The camshafts in the 5SFE do not allow for torque to continue to build after 4,500 rpm due to short duration and small lift of the inlet and exhaust valves. When the new motor arrives the first items to come out of it are the camshafts. The will be sent to either Web Cams or TED components for a weld up and regrind procedure followed by heat treating to insure they are hardened to a spec equal to that of the stock camshafts. ON the 5SFE only the intake cam is driven by the timing belt with a sub gear on the intake cam driving the exhaust camshaft in an opposite direction. These timing gears are a helical cut variety with a silencer gear added to the exhaust cam to make the cam run quieter. I am after a bit of gear whine so I will be making the exhaust cam gears bind together by installing a special service tool designed to lock the gears in place. This should give a nice sound while doing nothing to effect performance either good or bad. The new cams will have a grind spec to allow for peak torque to occur at least 1,000 rpm higher than in the stock motor and for peak power to occur about 1,500 rpm higher. The new cams will also lift the valves about 2mm more than the stock cams did for superior cylinder filling at all rpms. Both the inlet an exhaust valves will be allowed to stay open for about 20-30 degrees longer than the stock cams allow for. This improves cylinder filling and effective compression and BMEP at elevated rpm. In the case of the 5SFE more duration and lift on the cams will make more power at all rpms than the stock cams allow for.

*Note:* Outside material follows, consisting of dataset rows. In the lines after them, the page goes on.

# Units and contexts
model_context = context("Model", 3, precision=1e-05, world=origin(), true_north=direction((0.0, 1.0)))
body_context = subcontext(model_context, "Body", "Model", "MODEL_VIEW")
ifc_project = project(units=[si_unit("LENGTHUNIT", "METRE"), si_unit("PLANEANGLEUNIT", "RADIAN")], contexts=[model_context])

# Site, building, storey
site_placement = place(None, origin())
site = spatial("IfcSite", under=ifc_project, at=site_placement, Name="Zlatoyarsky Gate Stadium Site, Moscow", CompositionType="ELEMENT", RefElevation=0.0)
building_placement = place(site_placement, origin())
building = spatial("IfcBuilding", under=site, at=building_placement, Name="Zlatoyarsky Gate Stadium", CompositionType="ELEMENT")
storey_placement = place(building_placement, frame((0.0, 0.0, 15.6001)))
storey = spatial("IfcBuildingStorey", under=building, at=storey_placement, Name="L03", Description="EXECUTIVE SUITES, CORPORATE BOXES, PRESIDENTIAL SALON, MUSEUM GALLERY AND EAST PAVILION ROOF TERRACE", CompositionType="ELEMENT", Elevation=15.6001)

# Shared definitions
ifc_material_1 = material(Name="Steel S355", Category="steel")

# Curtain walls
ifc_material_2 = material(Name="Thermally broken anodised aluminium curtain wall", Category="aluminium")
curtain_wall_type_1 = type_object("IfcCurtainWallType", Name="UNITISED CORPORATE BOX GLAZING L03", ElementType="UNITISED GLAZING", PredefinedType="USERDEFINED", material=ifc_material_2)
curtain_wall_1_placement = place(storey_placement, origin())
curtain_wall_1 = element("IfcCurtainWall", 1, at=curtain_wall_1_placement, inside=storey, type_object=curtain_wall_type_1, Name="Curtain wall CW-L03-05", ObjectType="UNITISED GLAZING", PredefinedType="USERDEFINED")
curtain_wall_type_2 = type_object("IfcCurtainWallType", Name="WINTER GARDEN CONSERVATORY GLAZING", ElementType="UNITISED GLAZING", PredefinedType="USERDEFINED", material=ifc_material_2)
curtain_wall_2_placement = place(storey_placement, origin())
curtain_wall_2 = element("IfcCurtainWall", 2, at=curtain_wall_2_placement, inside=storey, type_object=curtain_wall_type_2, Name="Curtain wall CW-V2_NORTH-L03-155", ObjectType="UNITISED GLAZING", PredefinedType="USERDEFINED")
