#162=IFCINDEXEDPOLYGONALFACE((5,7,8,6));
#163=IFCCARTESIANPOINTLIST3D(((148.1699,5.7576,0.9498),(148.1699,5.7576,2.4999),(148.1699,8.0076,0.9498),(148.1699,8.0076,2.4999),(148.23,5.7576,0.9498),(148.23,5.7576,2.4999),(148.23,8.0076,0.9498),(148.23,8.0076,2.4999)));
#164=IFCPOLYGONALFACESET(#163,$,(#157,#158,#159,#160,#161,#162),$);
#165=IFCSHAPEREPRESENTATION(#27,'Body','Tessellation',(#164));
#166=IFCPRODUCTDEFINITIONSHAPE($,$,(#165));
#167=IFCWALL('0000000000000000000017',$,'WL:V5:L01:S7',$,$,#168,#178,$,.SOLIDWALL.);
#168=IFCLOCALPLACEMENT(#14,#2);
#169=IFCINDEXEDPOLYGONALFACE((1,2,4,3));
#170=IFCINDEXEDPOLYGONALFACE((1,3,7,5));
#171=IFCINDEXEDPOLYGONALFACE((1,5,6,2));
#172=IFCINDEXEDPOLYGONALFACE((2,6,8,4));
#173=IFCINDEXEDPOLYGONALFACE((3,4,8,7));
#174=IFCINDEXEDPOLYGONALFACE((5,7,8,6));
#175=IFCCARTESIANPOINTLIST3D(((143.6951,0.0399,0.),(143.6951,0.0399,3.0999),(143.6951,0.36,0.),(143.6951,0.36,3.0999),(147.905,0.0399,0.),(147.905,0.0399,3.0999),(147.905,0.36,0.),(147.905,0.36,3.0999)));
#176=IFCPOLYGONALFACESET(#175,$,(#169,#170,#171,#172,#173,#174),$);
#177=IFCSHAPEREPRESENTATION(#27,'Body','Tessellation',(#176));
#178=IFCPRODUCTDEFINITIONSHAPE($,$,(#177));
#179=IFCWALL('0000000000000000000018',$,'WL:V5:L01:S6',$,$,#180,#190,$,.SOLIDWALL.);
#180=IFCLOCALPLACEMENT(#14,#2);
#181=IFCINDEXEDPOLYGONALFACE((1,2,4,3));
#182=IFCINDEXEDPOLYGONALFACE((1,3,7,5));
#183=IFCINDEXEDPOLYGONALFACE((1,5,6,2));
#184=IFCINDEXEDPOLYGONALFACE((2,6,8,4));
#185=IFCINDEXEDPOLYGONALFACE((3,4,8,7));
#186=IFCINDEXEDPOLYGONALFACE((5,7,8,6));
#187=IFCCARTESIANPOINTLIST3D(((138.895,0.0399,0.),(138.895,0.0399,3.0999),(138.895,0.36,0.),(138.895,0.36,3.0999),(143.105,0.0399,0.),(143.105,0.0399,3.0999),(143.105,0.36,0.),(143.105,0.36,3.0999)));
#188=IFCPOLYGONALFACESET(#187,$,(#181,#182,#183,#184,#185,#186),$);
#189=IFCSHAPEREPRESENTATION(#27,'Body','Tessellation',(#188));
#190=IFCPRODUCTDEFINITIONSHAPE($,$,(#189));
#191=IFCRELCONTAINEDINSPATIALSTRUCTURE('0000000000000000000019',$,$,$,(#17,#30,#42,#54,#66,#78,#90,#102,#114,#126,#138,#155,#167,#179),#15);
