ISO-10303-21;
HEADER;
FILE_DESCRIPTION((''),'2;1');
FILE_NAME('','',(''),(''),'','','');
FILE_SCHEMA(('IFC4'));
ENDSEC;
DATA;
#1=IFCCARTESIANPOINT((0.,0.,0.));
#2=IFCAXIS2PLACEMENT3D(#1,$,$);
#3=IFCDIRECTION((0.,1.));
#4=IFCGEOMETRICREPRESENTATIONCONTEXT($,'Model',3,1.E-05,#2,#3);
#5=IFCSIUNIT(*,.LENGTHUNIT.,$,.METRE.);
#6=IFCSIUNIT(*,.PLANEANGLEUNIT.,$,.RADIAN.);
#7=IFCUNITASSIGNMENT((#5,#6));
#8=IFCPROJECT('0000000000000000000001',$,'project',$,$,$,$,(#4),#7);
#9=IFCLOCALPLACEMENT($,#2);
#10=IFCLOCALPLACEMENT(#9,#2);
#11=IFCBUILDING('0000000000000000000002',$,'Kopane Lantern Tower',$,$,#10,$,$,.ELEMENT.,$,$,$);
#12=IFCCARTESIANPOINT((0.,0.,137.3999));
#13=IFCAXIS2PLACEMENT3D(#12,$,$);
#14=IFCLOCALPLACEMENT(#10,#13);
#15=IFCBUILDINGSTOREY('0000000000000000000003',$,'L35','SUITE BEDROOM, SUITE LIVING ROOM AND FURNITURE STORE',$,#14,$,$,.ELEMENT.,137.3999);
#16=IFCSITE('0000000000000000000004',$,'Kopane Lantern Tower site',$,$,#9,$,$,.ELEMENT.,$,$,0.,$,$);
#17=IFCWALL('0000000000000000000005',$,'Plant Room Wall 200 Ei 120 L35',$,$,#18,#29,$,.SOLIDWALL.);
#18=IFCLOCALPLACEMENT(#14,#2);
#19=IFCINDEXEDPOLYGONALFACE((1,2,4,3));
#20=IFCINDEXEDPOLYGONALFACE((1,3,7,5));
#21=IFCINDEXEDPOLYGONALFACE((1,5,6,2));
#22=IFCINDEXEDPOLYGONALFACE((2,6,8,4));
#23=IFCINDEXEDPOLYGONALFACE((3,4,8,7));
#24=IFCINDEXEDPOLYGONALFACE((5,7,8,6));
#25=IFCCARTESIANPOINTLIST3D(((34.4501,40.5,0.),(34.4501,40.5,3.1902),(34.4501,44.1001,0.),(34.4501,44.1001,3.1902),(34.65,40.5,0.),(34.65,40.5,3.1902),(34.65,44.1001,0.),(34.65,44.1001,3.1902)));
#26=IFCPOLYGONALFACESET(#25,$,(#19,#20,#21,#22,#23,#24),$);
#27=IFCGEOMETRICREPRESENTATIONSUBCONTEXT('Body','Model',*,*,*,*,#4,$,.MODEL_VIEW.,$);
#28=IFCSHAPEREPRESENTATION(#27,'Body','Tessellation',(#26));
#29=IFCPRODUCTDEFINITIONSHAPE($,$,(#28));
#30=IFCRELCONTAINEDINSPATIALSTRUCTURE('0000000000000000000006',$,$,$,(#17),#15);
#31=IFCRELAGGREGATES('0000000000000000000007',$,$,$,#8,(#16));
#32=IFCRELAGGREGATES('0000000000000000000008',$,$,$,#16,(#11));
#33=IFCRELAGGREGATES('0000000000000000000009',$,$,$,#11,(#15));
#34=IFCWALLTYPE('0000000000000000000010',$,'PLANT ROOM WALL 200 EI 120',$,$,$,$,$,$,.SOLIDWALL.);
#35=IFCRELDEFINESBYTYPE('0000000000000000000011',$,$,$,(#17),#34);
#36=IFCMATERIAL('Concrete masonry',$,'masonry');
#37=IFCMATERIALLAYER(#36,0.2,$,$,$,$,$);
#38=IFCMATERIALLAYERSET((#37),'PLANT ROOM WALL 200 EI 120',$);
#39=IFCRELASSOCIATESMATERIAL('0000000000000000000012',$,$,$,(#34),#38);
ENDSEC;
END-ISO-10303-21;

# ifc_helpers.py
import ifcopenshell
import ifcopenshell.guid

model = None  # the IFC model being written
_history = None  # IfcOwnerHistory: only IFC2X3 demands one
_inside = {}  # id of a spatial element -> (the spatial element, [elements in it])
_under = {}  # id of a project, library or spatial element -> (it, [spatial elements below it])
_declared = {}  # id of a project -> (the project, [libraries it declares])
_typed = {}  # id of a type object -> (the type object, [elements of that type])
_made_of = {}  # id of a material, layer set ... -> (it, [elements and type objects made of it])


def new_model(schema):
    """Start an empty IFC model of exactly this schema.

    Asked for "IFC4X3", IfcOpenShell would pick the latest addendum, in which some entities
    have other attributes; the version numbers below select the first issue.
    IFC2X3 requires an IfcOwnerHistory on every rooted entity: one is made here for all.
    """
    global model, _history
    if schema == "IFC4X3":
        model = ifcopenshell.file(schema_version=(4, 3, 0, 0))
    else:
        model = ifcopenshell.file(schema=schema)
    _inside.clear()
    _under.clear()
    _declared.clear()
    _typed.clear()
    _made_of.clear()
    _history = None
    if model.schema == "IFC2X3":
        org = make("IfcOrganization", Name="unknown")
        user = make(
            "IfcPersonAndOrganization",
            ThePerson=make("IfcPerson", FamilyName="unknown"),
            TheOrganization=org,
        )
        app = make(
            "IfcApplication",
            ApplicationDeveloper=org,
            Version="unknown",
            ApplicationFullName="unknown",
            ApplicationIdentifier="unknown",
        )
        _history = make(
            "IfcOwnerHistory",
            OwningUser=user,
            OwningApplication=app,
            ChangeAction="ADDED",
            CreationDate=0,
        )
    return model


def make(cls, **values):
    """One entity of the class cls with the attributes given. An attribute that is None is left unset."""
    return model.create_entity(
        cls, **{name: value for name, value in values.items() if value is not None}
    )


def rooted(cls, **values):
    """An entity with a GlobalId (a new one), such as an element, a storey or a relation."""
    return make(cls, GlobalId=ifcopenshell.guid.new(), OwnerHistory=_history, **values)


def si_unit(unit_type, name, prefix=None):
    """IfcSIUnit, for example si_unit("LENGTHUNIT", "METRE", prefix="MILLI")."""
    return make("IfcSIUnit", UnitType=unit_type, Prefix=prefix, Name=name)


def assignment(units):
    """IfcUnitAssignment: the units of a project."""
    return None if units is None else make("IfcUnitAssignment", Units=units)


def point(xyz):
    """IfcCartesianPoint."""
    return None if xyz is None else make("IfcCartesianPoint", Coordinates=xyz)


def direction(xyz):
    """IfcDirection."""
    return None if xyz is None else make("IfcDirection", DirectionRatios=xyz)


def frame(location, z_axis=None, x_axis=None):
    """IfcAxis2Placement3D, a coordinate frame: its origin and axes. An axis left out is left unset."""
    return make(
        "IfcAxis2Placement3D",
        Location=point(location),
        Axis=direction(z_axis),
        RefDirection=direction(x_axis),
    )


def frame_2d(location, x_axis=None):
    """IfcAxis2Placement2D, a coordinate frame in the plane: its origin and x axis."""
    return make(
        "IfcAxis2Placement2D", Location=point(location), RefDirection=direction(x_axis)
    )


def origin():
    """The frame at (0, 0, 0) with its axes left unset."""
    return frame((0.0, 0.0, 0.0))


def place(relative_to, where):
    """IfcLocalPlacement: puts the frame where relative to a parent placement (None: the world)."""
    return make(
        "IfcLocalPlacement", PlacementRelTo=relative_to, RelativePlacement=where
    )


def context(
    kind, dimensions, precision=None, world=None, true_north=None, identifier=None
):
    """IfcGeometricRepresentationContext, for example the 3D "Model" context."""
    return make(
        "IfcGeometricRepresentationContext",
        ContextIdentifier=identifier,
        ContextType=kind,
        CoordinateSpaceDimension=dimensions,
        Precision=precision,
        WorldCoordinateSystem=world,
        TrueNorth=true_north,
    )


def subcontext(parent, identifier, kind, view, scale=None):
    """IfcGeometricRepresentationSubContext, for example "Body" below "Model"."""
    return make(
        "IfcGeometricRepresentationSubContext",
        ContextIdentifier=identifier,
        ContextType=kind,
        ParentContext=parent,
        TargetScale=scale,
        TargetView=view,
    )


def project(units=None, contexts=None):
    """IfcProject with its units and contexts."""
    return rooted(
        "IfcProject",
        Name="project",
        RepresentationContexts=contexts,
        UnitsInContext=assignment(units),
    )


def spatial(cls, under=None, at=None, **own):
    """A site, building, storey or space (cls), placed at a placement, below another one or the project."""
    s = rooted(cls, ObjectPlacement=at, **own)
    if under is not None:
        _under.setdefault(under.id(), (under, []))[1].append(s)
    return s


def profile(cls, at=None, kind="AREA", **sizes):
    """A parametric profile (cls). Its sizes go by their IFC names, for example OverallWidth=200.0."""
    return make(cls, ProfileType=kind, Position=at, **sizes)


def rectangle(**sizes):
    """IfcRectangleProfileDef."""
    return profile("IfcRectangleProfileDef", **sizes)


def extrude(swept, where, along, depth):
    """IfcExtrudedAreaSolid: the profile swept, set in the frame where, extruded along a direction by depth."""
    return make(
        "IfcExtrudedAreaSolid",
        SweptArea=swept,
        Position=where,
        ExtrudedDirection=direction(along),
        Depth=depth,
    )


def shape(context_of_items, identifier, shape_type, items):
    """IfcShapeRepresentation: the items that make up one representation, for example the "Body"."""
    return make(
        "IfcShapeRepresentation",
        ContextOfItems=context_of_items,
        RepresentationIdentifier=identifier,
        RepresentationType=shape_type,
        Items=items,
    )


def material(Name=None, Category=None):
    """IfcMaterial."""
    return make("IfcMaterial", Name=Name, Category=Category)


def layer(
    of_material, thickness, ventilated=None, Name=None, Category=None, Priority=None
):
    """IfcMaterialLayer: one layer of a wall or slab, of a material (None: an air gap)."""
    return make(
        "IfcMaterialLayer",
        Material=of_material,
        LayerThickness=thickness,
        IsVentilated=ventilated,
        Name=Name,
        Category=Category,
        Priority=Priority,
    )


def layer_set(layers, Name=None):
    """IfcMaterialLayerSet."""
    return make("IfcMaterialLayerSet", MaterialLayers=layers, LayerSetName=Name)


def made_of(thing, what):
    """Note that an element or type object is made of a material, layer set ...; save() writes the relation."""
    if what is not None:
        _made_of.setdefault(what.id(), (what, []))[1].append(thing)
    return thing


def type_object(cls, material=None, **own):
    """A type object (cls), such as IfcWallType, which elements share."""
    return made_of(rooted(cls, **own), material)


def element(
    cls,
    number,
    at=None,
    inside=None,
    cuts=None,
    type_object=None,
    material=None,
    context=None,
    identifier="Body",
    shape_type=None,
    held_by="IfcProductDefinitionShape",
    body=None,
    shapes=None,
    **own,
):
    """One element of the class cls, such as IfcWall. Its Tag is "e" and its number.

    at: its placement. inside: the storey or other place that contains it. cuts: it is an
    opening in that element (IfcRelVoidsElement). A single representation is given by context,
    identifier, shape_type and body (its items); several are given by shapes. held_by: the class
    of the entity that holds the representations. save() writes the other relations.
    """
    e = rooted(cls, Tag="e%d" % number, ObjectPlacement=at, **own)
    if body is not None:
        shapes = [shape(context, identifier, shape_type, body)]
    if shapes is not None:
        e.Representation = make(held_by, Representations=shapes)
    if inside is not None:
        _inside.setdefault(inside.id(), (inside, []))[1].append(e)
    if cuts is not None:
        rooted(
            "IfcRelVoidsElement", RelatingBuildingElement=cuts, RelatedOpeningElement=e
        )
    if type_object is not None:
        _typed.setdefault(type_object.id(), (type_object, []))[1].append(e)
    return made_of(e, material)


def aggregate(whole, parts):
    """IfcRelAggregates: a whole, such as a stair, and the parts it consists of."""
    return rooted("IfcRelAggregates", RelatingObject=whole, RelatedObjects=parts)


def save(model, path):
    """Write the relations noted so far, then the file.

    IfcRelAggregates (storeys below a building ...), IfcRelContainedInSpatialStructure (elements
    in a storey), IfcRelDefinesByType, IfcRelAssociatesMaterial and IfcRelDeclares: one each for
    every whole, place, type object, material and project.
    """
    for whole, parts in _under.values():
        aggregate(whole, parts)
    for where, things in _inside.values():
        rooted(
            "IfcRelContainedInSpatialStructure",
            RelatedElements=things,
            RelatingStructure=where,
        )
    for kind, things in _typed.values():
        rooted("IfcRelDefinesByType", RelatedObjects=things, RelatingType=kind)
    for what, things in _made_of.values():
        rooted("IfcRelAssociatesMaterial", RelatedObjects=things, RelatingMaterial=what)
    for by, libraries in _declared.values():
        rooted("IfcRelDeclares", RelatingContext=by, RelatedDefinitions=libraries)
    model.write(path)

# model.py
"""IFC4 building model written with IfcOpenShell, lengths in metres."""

from ifc_helpers import new_model, si_unit, direction, frame, frame_2d, origin, place, context, subcontext, project, spatial, rectangle, extrude, material, layer, layer_set, type_object, element, save


model = new_model("IFC4")

# Units and contexts
model_context = context("Model", 3, precision=1e-05, world=origin(), true_north=direction((0.0, 1.0)))
body_context = subcontext(model_context, "Body", "Model", "MODEL_VIEW")
ifc_project = project(units=[si_unit("LENGTHUNIT", "METRE"), si_unit("PLANEANGLEUNIT", "RADIAN")], contexts=[model_context])

# Site, building, storey
site_placement = place(None, origin())
site = spatial("IfcSite", under=ifc_project, at=site_placement, Name="Kopane Lantern Tower site", CompositionType="ELEMENT", RefElevation=0.0)
building_placement = place(site_placement, origin())
building = spatial("IfcBuilding", under=site, at=building_placement, Name="Kopane Lantern Tower", CompositionType="ELEMENT")
storey_placement = place(building_placement, frame((0.0, 0.0, 137.3999)))
storey = spatial("IfcBuildingStorey", under=building, at=storey_placement, Name="L35", Description="SUITE BEDROOM, SUITE LIVING ROOM AND FURNITURE STORE", CompositionType="ELEMENT", Elevation=137.3999)

# Wall
ifc_material_1 = material(Name="Concrete masonry", Category="masonry")
ifc_layer_1 = layer(ifc_material_1, 0.2)
ifc_layer_set_1 = layer_set([ifc_layer_1], Name="PLANT ROOM WALL 200 EI 120")
wall_type_1 = type_object("IfcWallType", Name="PLANT ROOM WALL 200 EI 120", PredefinedType="SOLIDWALL", material=ifc_layer_set_1)
wall_1_placement = place(storey_placement, frame((34.55, 44.1001, 0.0), z_axis=(0.0, 0.0, 1.0), x_axis=(0.0, -1.0, 0.0)))
element("IfcWall", 1, at=wall_1_placement, inside=storey, type_object=wall_type_1, Name="Plant Room Wall 200 Ei 120 L35", PredefinedType="SOLIDWALL", context=body_context, shape_type="SweptSolid", body=[
    extrude(rectangle(XDim=3.6001, YDim=0.2, at=frame_2d((1.8, 0.0))), origin(), (0.0, 0.0, 1.0), 3.1902),
])

save(model, "model.ifc")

Headwork: the stock inlet and exhaust ports in the 5SFE are about the right size for the rpm range I am working with. My motor is retaining small but re-shaped ports...actually smaller than stock in a place or two. People get the idea that big ports are better because a flow bench (the simple kind) will always show that a bigger hole flows more air...but, the physics in play inside a motor are way more complex than a flow bench alone will lead you believe. I cannot tell you how many custom ported heads I have dyno tested on motorcycles that made less power than stock heads...but looked way cooler and had way better flow bench numbers! I will go to oversize valves since the stockers are coming out anyway. My goal with the head work is more based on air velocity than absolute flow numbers. I am using longer duration cams but do not want to loose low end power since this is a daily driver street car, the solution is to have as much valve area as possible and as much intake velocity as possible since the a high intake velocity will keep the trapping efficiency of the head as high as possible even at low rpm. The trapping efficiency is how much air actually gets trapped in the cylinder at the close of the intake event. Since the piston is rising and the inlet valves are still open the intake charge tends to back flow out of the combustion chamber…but if it is moving fast enough more of it will get trapped at all but the highest rpms. I will gladly trade few ponies up top for a few more on the bottom. Tuning is compromise and there will always be ways to get around small problems. The final piece of headwork is the milling or decking of the head to set the compression value to the desired spec. 10.5-11.0:1 sounds about right to me for 91-93 octane pump fuel. Track days will be run on leaded VP Racing Fuels Ultimate 4 which is 92.2 octane and about 7% oxygen by volume. This is usually worth about 6% gains in total power at all rpms. The head can have about 1mm of material removed by the milling machine. With this headwork and these cams, a timing belt failure will be catastrophic to the motor…but this is normal for high output engines.

Bottom End: The stock pistons in the 5SFE are cast units as opposed to the stronger forged units used in most high output 4 stroke motors. I am looking for suitable replacements that are of the forged variety. I will only use a slightly larger bore than stock since the bore centers are pretty close to maxed out as the motor comes from the factory. In my opinion the stock connecting rods are plenty strong and will not need to be replaced. I will make sure to the big end bearing clearances are correct and will replace as many of the bearings as needed.